来年はアゼルバイジャン、イギリス、イタリア、日本の契約が終了する予定だが、シルバーストン、モンツァ、鈴鹿のレースを継続する考えに疑問を持つ者など誰もいない。各チームは、この3つの記念碑的レースはカレンダーのなかで触れるべきものではないとみなしている。しかしバクーのストリートレースは、チームの間でかなり人気が落ちている。
航空交通量の少ない国で1回のレースを行うためのロジスティクス上の課題が大きいためだ。しかし主な不満となっているのは、誰もこのレースに観客を引き込むことができないことだ。昨年はF1自体が最小限度のスタッフしか現地に向かわせておらず、今年にいたってはレースに送り込むスタッフをほんの数人にとどめることを検討している。

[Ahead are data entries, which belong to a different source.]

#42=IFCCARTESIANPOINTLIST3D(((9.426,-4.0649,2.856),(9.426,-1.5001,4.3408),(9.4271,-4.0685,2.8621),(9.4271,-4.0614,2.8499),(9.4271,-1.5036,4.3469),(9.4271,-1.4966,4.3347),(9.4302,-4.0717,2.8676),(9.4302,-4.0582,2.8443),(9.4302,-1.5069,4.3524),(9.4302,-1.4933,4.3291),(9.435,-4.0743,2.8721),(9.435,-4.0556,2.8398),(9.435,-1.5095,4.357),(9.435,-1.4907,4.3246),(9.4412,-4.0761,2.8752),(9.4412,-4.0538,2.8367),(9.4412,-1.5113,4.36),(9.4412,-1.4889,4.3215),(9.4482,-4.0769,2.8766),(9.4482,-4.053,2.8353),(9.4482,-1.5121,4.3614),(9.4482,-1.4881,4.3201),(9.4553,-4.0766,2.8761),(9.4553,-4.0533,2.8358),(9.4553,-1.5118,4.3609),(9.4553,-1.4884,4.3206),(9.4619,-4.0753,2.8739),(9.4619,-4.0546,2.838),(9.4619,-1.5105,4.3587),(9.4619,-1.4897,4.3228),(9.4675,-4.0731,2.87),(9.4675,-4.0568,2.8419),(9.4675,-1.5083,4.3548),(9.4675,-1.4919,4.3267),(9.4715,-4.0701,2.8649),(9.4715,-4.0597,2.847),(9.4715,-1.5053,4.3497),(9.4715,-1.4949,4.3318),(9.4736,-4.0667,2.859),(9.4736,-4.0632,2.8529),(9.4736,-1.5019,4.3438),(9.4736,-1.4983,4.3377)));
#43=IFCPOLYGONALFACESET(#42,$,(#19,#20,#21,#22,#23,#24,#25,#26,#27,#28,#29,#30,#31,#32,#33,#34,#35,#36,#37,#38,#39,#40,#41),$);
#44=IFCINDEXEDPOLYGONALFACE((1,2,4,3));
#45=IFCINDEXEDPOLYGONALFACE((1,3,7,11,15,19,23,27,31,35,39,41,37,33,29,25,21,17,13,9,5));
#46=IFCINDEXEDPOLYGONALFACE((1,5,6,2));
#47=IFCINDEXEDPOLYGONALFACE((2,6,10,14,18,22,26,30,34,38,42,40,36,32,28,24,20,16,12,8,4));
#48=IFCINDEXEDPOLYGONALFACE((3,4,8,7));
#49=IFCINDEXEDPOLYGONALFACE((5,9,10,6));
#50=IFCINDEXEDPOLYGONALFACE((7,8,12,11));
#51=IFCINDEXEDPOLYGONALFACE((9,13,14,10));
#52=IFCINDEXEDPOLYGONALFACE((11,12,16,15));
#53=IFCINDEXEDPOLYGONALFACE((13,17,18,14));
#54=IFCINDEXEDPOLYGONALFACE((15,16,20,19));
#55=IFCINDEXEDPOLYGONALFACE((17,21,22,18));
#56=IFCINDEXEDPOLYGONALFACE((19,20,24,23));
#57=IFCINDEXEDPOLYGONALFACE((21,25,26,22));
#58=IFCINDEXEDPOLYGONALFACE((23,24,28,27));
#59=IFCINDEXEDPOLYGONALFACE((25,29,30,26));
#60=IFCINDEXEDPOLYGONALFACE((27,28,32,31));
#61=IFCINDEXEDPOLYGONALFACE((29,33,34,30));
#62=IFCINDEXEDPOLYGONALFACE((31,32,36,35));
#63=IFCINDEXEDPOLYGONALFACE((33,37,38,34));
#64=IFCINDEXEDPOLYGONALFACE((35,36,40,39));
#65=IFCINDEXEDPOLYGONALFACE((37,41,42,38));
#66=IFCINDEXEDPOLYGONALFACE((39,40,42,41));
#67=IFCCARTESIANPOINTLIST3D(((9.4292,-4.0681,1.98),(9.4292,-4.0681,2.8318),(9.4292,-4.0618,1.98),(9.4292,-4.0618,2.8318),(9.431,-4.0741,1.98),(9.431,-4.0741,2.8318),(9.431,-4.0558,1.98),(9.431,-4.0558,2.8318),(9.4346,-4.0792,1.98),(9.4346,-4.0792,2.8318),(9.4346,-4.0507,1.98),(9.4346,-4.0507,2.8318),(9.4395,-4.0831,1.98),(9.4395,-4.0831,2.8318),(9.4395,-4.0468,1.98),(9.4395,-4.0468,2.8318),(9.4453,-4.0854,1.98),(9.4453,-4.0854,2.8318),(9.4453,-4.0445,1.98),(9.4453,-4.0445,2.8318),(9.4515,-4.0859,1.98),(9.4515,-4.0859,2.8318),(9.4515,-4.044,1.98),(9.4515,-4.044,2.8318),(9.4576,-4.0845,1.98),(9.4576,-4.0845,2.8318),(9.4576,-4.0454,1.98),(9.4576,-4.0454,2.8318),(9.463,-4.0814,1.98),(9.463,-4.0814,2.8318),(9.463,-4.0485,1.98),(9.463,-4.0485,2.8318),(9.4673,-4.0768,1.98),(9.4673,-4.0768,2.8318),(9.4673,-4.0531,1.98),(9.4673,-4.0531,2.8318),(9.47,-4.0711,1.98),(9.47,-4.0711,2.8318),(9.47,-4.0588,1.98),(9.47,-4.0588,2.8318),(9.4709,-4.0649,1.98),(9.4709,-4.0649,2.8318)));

パドッククラブのチケット販売が、グランプリまであと3カ月半の現在、限りなくゼロに近いのだ。それに加えて、アゼルバイジャンはウクライナの紛争中の領土に近く、アゼルバイジャンとアルメニアの間ではナゴルノ・カラバフ紛争が続いている。すでに1000人以上の犠牲者を出しており、同地区では全体的に不安定性があることから、大企業が地元の体制に関与することを望んでいない。
つまりVIPをレースに連れてくることはないということだ。そうしたことから各チームは、アゼルバイジャンとの契約が1年前倒しで終了することになれば喜ぶだろう。開催権料が6000万ドル(約78億円)と高額だとしても、それなら彼らはF1の影響エリアの拡大を続けるために、中南米かアフリカで1レースを追加することを望むだろう。